Der stete Aufstieg und die Zunahme der Mitglieder der RSG, mit dem jährlich herausragenden Spring- und Dressurturnier in Merbeck, fand jedoch Ende der Neunziger ein nahezu abruptes Ende. Die Reitanlage wurde mehrfach verkauft und das rege Vereinsleben litt dermaßen darunter, dass der Verein von schwindenden Mitgliederzahlen betroffen war. Die sportlichen Aktivitäten schrumpften fast auf Null und nur dem beherzten Engagement eines völlig neuen Vorstandes war es vor sechs Jahren (2000) zu verdanken, dass der Verein in seiner heutigen Form noch existiert und seitdem wieder an Mitgliedern wächst. Den Neubeginn startete die RSG St.

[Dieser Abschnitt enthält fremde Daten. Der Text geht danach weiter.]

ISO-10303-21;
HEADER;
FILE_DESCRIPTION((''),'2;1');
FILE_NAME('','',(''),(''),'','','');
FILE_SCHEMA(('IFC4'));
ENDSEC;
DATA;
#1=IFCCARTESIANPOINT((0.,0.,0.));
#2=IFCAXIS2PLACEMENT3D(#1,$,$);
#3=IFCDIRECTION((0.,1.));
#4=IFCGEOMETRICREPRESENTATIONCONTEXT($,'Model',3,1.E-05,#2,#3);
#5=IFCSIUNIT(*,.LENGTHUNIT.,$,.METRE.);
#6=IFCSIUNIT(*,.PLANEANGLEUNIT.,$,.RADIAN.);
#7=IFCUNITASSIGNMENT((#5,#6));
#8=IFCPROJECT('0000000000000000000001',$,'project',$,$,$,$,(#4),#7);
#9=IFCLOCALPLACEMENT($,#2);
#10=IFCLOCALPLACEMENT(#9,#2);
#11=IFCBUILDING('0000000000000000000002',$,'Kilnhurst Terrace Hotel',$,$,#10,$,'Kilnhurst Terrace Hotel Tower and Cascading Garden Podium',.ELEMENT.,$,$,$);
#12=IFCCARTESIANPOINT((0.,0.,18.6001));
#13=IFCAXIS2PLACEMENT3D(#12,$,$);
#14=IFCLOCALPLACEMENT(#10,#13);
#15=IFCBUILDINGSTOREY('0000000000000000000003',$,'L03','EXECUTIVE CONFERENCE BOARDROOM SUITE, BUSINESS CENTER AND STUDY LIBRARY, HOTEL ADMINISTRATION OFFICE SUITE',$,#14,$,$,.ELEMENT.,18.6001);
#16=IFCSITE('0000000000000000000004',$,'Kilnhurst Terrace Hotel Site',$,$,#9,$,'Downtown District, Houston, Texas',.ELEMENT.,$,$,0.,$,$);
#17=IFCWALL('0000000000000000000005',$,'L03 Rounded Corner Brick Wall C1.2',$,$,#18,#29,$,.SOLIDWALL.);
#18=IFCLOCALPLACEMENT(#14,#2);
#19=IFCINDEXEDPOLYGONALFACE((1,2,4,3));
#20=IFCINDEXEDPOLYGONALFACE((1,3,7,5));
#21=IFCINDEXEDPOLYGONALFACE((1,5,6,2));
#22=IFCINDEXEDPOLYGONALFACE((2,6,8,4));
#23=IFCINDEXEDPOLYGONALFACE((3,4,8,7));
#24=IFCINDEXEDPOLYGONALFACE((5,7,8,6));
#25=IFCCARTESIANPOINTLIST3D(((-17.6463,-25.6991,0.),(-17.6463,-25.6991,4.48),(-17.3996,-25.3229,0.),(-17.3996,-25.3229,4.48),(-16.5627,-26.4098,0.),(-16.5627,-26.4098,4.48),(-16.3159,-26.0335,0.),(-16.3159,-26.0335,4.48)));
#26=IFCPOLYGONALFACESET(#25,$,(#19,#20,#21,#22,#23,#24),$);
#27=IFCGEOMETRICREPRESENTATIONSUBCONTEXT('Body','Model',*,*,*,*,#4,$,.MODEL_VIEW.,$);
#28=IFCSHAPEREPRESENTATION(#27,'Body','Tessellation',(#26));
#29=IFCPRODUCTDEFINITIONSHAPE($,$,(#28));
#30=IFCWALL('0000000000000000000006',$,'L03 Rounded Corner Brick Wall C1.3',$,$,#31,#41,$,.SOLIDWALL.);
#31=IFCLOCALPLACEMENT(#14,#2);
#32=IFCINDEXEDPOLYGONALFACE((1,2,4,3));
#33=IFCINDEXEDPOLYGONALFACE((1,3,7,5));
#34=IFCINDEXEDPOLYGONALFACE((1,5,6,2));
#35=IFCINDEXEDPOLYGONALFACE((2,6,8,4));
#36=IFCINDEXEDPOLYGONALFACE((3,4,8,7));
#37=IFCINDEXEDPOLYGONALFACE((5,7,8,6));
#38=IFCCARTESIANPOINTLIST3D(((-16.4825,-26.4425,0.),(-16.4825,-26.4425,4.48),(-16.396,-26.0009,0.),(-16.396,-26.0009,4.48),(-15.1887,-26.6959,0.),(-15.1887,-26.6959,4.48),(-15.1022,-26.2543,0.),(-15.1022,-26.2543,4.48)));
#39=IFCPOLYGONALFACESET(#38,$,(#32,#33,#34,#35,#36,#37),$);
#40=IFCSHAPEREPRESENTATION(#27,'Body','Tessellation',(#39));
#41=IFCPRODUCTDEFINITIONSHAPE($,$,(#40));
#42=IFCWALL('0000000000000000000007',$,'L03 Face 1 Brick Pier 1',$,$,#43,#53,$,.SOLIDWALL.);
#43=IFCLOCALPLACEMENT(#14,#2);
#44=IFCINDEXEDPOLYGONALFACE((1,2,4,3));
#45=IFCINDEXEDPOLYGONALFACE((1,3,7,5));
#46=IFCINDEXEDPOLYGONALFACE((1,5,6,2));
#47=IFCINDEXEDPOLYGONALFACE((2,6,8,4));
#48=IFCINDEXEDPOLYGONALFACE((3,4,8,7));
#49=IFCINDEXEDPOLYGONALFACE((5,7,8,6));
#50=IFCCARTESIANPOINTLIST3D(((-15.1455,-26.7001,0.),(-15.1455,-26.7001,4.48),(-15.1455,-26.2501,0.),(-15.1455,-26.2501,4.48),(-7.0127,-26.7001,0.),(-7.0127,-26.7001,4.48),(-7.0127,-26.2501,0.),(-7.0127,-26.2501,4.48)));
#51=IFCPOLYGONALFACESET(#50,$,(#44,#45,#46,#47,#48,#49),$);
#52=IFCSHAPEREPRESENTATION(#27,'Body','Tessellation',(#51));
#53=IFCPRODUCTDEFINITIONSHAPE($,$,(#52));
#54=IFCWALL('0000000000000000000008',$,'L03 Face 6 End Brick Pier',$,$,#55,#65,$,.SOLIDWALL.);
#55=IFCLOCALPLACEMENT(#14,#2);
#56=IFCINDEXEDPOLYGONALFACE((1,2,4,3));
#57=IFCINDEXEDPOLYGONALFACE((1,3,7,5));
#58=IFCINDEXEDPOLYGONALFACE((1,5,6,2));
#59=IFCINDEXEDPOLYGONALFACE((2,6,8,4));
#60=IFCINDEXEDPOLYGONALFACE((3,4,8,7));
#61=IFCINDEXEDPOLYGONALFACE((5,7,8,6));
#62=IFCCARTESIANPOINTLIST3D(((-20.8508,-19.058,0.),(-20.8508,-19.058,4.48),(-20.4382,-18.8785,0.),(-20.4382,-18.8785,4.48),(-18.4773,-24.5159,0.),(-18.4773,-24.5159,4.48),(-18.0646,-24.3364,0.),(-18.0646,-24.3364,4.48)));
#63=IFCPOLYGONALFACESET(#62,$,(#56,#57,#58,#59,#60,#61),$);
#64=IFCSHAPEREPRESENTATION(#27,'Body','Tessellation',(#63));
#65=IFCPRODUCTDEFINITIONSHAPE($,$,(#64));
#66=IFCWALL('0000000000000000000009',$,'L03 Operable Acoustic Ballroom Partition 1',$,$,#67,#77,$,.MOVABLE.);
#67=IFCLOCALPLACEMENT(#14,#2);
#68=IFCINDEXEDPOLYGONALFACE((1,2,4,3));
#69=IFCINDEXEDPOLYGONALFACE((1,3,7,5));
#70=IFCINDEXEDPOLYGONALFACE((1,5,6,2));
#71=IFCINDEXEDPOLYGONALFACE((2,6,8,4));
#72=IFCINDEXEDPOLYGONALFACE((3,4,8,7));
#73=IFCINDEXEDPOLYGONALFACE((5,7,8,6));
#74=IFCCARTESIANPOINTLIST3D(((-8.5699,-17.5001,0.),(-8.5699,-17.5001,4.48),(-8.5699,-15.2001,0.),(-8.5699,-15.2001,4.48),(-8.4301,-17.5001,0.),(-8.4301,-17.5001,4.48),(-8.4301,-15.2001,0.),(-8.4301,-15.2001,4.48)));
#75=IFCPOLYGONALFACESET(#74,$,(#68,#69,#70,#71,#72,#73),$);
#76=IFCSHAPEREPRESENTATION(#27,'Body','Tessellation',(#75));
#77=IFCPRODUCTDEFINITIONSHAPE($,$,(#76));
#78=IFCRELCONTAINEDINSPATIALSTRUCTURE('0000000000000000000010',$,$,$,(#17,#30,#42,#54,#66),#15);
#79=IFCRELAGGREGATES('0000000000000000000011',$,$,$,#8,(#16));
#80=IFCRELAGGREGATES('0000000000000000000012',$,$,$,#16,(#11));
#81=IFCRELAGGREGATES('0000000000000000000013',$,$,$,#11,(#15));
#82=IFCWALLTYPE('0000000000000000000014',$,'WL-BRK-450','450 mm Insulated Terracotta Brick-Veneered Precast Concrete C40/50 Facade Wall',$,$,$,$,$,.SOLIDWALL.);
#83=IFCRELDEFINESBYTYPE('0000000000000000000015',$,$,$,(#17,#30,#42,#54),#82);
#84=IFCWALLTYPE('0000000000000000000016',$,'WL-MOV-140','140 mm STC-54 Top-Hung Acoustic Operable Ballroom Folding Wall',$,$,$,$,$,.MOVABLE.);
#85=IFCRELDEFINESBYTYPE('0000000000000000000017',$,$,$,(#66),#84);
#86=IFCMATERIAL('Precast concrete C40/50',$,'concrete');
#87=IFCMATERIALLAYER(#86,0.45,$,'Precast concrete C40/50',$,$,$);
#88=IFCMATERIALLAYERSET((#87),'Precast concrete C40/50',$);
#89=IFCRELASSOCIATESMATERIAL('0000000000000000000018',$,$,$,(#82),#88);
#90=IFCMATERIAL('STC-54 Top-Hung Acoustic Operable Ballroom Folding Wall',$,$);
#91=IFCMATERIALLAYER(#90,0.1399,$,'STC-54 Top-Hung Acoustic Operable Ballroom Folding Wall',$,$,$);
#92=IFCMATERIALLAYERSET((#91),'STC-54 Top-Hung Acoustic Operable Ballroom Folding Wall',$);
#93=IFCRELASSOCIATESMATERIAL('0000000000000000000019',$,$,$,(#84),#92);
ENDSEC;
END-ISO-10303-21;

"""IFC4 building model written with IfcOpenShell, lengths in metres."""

from ifc_helpers import new_model, si_unit, direction, frame, frame_2d, origin, place, context, subcontext, project, spatial, rectangle, extrude, material, layer, layer_set, type_object, element, save


model = new_model("IFC4")

# Units and contexts
model_context = context("Model", 3, precision=1e-05, world=origin(), true_north=direction((0.0, 1.0)))
body_context = subcontext(model_context, "Body", "Model", "MODEL_VIEW")
ifc_project = project(units=[si_unit("LENGTHUNIT", "METRE"), si_unit("PLANEANGLEUNIT", "RADIAN")], contexts=[model_context])

# Site, building, storey
site_placement = place(None, origin())
site = spatial("IfcSite", under=ifc_project, at=site_placement, Name="Kilnhurst Terrace Hotel Site", LongName="Downtown District, Houston, Texas", CompositionType="ELEMENT", RefElevation=0.0)
building_placement = place(site_placement, origin())
building = spatial("IfcBuilding", under=site, at=building_placement, Name="Kilnhurst Terrace Hotel", LongName="Kilnhurst Terrace Hotel Tower and Cascading Garden Podium", CompositionType="ELEMENT")
storey_placement = place(building_placement, frame((0.0, 0.0, 18.6001)))
storey = spatial("IfcBuildingStorey", under=building, at=storey_placement, Name="L03", Description="EXECUTIVE CONFERENCE BOARDROOM SUITE, BUSINESS CENTER AND STUDY LIBRARY, HOTEL ADMINISTRATION OFFICE SUITE", CompositionType="ELEMENT", Elevation=18.6001)

# Walls
ifc_material_1 = material(Name="Precast concrete C40/50", Category="concrete")
ifc_layer_1 = layer(ifc_material_1, 0.45, Name="Precast concrete C40/50")
ifc_layer_set_1 = layer_set([ifc_layer_1], Name="Precast concrete C40/50")
wall_type_1 = type_object("IfcWallType", Name="WL-BRK-450", Description="450 mm Insulated Terracotta Brick-Veneered Precast Concrete C40/50 Facade Wall", PredefinedType="SOLIDWALL", material=ifc_layer_set_1)
wall_1_placement = place(storey_placement, frame((-17.5229, -25.511, 0.0), z_axis=(0.0, 0.0, 1.0), x_axis=(0.836229, -0.548381, 0.0)))
element("IfcWall", 1, at=wall_1_placement, inside=storey, type_object=wall_type_1, Name="L03 Rounded Corner Brick Wall C1.2", PredefinedType="SOLIDWALL", context=body_context, shape_type="SweptSolid", body=[
    extrude(rectangle(XDim=1.2959, YDim=0.45, at=frame_2d((0.6479, 0.0))), origin(), (0.0, 0.0, 1.0), 4.48),
])
wall_2_placement = place(storey_placement, frame((-16.4392, -26.2217, 0.0), z_axis=(0.0, 0.0, 1.0), x_axis=(0.981349, -0.192233, 0.0)))
element("IfcWall", 2, at=wall_2_placement, inside=storey, type_object=wall_type_1, Name="L03 Rounded Corner Brick Wall C1.3", PredefinedType="SOLIDWALL", context=body_context, shape_type="SweptSolid", body=[
    extrude(rectangle(XDim=1.3184, YDim=0.45, at=frame_2d((0.6592, 0.0))), origin(), (0.0, 0.0, 1.0), 4.48),
])
wall_3_placement = place(storey_placement, frame((-15.1455, -26.4751, 0.0), z_axis=(0.0, 0.0, 1.0), x_axis=(1.0, 0.0, 0.0)))
element("IfcWall", 3, at=wall_3_placement, inside=storey, type_object=wall_type_1, Name="L03 Face 1 Brick Pier 1", PredefinedType="SOLIDWALL", context=body_context, shape_type="SweptSolid", body=[
    extrude(rectangle(XDim=8.1328, YDim=0.45, at=frame_2d((4.0664, 0.0))), origin(), (0.0, 0.0, 1.0), 4.48),
])
wall_4_placement = place(storey_placement, frame((-20.6445, -18.9683, 0.0), z_axis=(0.0, 0.0, 1.0), x_axis=(0.39881, -0.917034, 0.0)))
element("IfcWall", 4, at=wall_4_placement, inside=storey, type_object=wall_type_1, Name="L03 Face 6 End Brick Pier", PredefinedType="SOLIDWALL", context=body_context, shape_type="SweptSolid", body=[
    extrude(rectangle(XDim=5.9517, YDim=0.45, at=frame_2d((2.9758, 0.0))), origin(), (0.0, 0.0, 1.0), 4.48),
])
ifc_material_2 = material(Name="STC-54 Top-Hung Acoustic Operable Ballroom Folding Wall")
ifc_layer_2 = layer(ifc_material_2, 0.1399, Name="STC-54 Top-Hung Acoustic Operable Ballroom Folding Wall")
ifc_layer_set_2 = layer_set([ifc_layer_2], Name="STC-54 Top-Hung Acoustic Operable Ballroom Folding Wall")
wall_type_2 = type_object("IfcWallType", Name="WL-MOV-140", Description="140 mm STC-54 Top-Hung Acoustic Operable Ballroom Folding Wall", PredefinedType="MOVABLE", material=ifc_layer_set_2)
wall_5_placement = place(storey_placement, frame((-8.5, -17.5, 0.0), z_axis=(0.0, 0.0, 1.0), x_axis=(0.0, 1.0, 0.0)))
element("IfcWall", 5, at=wall_5_placement, inside=storey, type_object=wall_type_2, Name="L03 Operable Acoustic Ballroom Partition 1", PredefinedType="MOVABLE", context=body_context, shape_type="SweptSolid", body=[
    extrude(rectangle(XDim=2.3, YDim=0.1399, at=frame_2d((1.1499, 0.0))), origin(), (0.0, 0.0, 1.0), 4.48),
])

save(model, "model.ifc")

Georg Merbeck im Jahre 2000 mit den neuen Vorstandsmitgliedern Bärbel Joeken, Erich Gerards, Alexa Küppers, Ariane Benz, Helmut Blaß und Sascha Protze, der zu dieser Zeit Reitlehrer auf der Merbecker Anlage war und sich durch eine hervorragende Kinder- und Jugendarbeit einen guten Namen gemacht hatte. Ein erneuter Besitzerwechsel der Merbecker Anlage führte zum Umzug nach Rickelrath-Schwaam, auf das Gelände des Lanstgasthofes Timmermans, wo der Verein heute mit einem eigenen Zelt seinen Vereinsmittelpunkt hat.
Aufgrund der neuen Zusammensetzung der Mitglieder entwickelte sich die RSG St. Georg Merbeck zu einem Reitverein, der vor allem den Fahrsportbegeisterten, als den Kutschfahrern, ein willkommenes Zuhause bietet.
Wenn auch keine großen Turniere im Springen und der Dressur mehr stattfinden, so zeichnet sich die RSG St. Georg Merbeck durch ihre weit über die Region hinaus beliebten Veranstaltungen aus, wie dem Osterritt, dem Orientierungsritt, dem Herbstritt, der Pferdesegnung und einem zünftig traditionellen Weihnachtsfest in der Timmermanschen Scheune. Das Gelände hinter dem Landgasthaus Timmermans ist seit rund vier Jahren der Treffpunkt und der Veranstaltungsort für alle Vereinsaktivitäten um die RSG St. Georg Merbeck. Ohne die freundliche Unterstützung der Familie Renate und Johannes Timmermans wäre es für die RSG schwierig gewesen, ihr jährliches Veranstaltungsprogramm durchzusetzen. Seit zwei Jahren finden hier nicht nur die regelmäßigen Vereinssitzungen statt, sondern ist Timmermans auch der Ausgangspunkt aller reiterlichen Veranstaltungen.
Neue Heimat in Schwaam seit 2002
Im letzten Jahr, 2005, konnte die RSG wieder an ihre alten Erfolge und an ihre Bedeutung für den Reitsport in der Region anknüpfen. Mit der erstmaligen Ausrichtung der Kreismeisterschaft im Fahrsport, ein- und zweispännig, Klein- und Großpferde, veranstaltete die RSG ein zweitägiges Fahrturnier, das mit großer Begeisterung von den Menschen der Umgebung und allen Reiterfreunden aufgenommen wurde. Das die RSG auch gleich zwei Kreismeister 2005 stellte, war für die Mitglieder der schönste Lohn für ihren Einsatz.
Auch in diesem Jahr ist die RSG St.Georg Merbeck Ausrichter der diesjährigen Kreismeisterschaft und konnte mit der integrierten Stadtmeisterschaft diese Veranstaltung erfolgreich erweitern.
Ein Verein, der in seiner Entwicklung viele Hürden nehmen musste, viele Tiefen überdauert hat und heute mit dem Schwerpunkt Fahren eine Lücke in der hiesigen Vereinswelt des Reit- und Fahrsports erfolgreich schließen konnte.